The 8th of June saw the Republic of Ireland announce an EU member state first, a Health Cloud First policy. Brexit now will mean that a wider consideration of where data goes from a disaster recovery point of view needs to be had, if data is leaving the EU what does that mean and what will the UK data agreements be with a USA. More open and free movement of data between Uncle Sam and the May state is quite a scary prospect to manage with the privacy concerned of Ireland. Certainly a Brexiting UK with May at the helm is already building up a worrying record of a willingness to downgrade digital privacy considerations.
The advisory and consultancy firms that Ireland’s health sector has been working with as it moves towards its full Electronic Health Record programme moved from conversations about NHS expertise and knowledge to different countries overnight, suddenly Canadian knowledge and experience is de rigueur amongst the partners seeking to impress the eHealth Ireland function. Why though, is it because an NHS post Brexit would be less willing to share or simply because the sheer amount of work to now do in the NHS will be simply too big to offer up guidance to Ireland. Personally I don’t believe it is anything to do with the NHS really and more to do with the large consultancy firms trying to stop the conversation being ‘just’ about Brexit and wanting it to remain on topic.
The Brexit promise to the NHS of 350 million a week more in funding was withdrawn by the morning of the vote, the NHS is heading to a deficit that is eye watering and will impact upon the priorities of a minister for health who never really jumped one way or the other when it came to Brexit. In Ireland we have a minister who is insisting that the country needs a ten year plan, or at least a five year plan to reform the health system. The optimism in health in Ireland in a post Brexit world is quite significant, the number of Irish citizens working for the NHS is huge and Brexit just became another leaver to try to persuade them to return home. Around 5,000 of the health staff of Ireland are English though, the thought of not being able to do the job here in Ireland is a nightmare scenario but one that now needs to be on the risk register.
The one thing that as a CIO with a penchant for social media I did come to realise more and more during the run up to Brexit was the concept of a the social media influence bubble. So few people ever seemed to be talking about voting to leave and yet somebody somewhere clearly did make that choice. The dawning thought as social media became awash with despair was that the influence that the social media format has on you is way more to do with the bubble that you are in than a truly independent view of the world. A great many have complained they simply couldn’t get good media facts and knowledge to build up an opinion; maybe there is something in the fact that we are now using social media as a news outlet that hugely influenced that. Brexiters were compared somewhat to an extreme political view, racist with lack of global view. And yet in a post Brexit world clearly that simply cannot be true!
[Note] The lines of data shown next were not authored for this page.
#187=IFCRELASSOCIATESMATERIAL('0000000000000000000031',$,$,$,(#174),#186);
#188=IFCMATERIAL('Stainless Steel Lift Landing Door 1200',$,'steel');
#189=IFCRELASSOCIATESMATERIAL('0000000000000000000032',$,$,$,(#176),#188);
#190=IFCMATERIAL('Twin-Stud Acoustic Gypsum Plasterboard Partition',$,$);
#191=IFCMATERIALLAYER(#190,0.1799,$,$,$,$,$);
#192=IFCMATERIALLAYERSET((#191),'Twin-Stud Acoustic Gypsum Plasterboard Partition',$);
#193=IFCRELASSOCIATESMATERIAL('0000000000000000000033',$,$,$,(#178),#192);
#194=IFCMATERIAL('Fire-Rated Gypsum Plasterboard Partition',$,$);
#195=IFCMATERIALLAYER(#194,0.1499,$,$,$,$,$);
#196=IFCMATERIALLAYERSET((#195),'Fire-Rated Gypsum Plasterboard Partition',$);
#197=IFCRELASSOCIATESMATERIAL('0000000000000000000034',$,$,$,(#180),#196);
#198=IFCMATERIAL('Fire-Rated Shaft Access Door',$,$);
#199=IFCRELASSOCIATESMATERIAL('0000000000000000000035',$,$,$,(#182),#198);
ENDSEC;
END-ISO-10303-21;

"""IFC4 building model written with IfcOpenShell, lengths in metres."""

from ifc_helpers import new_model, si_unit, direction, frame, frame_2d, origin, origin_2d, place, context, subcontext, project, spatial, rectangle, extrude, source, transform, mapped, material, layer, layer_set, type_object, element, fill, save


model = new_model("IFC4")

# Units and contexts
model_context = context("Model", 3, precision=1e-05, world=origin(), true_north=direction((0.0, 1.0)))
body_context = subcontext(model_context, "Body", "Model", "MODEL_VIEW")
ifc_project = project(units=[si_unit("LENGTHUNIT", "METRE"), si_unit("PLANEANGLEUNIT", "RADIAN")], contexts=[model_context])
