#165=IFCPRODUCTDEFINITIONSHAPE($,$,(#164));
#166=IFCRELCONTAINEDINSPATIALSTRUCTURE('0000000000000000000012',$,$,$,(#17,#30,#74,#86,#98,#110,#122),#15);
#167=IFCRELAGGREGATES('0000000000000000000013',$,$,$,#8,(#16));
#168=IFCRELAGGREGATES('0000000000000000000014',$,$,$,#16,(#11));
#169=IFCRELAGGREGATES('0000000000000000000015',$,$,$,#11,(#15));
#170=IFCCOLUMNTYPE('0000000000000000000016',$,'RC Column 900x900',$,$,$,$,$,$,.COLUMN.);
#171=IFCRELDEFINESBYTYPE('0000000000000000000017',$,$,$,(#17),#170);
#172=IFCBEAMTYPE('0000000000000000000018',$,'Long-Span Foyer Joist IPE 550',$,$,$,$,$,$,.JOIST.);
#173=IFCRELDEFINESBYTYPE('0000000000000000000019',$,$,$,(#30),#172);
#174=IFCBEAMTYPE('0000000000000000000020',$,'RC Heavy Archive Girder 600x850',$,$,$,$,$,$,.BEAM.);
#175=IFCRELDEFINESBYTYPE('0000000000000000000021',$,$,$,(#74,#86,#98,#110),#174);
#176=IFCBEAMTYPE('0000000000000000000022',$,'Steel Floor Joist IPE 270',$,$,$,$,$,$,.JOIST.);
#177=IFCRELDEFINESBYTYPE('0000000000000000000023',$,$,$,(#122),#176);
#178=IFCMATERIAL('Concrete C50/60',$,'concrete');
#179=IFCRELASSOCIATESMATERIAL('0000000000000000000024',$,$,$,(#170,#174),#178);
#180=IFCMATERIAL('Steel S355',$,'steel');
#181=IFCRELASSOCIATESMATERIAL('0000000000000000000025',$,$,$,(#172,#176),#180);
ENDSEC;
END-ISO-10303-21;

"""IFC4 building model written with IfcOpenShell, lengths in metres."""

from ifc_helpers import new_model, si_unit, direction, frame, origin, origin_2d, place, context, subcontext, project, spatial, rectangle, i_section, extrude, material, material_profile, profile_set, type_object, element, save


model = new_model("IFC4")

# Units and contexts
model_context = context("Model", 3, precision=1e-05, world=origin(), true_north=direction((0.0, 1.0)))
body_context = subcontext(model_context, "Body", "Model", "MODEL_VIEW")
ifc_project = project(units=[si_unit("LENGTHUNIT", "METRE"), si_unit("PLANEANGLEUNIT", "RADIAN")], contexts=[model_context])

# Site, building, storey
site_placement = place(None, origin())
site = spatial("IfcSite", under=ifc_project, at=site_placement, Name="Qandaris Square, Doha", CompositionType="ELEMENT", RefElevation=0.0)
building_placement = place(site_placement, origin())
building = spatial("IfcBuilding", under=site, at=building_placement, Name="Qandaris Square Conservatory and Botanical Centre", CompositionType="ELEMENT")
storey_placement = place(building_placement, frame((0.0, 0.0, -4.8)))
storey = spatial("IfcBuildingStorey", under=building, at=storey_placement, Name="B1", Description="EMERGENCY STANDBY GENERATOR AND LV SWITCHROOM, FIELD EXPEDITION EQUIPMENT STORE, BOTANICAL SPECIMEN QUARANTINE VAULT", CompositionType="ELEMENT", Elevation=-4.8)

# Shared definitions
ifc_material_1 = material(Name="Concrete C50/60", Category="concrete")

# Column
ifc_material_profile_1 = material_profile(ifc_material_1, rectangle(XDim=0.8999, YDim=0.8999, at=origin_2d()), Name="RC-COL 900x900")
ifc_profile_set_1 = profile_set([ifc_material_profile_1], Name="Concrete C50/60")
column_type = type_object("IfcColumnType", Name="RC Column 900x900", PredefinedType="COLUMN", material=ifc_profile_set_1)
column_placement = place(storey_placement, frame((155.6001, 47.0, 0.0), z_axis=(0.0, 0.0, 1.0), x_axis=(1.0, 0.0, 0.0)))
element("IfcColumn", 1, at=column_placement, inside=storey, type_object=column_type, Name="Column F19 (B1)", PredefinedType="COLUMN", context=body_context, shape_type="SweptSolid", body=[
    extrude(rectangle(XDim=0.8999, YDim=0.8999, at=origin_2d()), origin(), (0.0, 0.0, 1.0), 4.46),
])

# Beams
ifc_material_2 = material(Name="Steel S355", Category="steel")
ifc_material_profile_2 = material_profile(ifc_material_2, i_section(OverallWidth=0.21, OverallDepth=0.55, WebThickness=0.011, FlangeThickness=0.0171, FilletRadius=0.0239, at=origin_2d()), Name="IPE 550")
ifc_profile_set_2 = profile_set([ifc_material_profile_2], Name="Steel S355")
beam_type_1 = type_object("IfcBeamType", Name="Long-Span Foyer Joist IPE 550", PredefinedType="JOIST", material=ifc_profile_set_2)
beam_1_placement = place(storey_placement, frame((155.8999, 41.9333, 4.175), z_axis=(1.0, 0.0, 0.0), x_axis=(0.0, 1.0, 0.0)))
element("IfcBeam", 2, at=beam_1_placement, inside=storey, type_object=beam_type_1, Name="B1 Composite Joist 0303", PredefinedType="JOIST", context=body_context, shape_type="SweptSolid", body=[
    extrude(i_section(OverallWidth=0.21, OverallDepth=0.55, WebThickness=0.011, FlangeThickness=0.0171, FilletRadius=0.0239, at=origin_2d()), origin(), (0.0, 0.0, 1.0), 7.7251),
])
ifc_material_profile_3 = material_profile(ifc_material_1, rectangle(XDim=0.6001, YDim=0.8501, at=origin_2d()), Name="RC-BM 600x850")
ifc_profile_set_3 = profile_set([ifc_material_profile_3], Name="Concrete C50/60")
A recent Irish Times article rather tongue in cheek suggested a coming together of Scotland, Ireland and Northern Ireland as an EU state. Whilst done in a mischievous way it grew legs and in less than 24 hours people were discussing this as if it were a real possibility. The desperation to find a way to maintain some of the status quo in the digital world we are trying to live within is having a huge impact on what we think of as the art of the possible. The conversation now needs to shift, away from desperate plans like the ‘Scotireland’ and move towards what needs to be done to make each of our areas of concern work in a new world. Every EU state now needs to have a digital consideration of Brexit and build policy and solutions on how to make this work, the EU of a shared digital future has changed forever and each one of us now has a part to play in understanding what it will look like next.
As something of a post script to this piece, there is a town in county Tipperary called Twomileborris, the name Borris is generally thought to be a Norman word for stronghold or district, maybe, just maybe the work of Boris to deliver a Brexited UK could end up creating an even stronger digital stronghold for Dublin, and with the right considerations and policies the whole of Ireland, certainly the opportunity seems to be stronger than the threat. I had three adoption offers and the passport application process explained to me in detail within 24 hours of Brexit, I hope that means I am going to be in Ireland for some time to come, but I really do hope that the CIO fraternity of the UK can make Brexit work for digital, the whole of the EU still needs it to, in or out!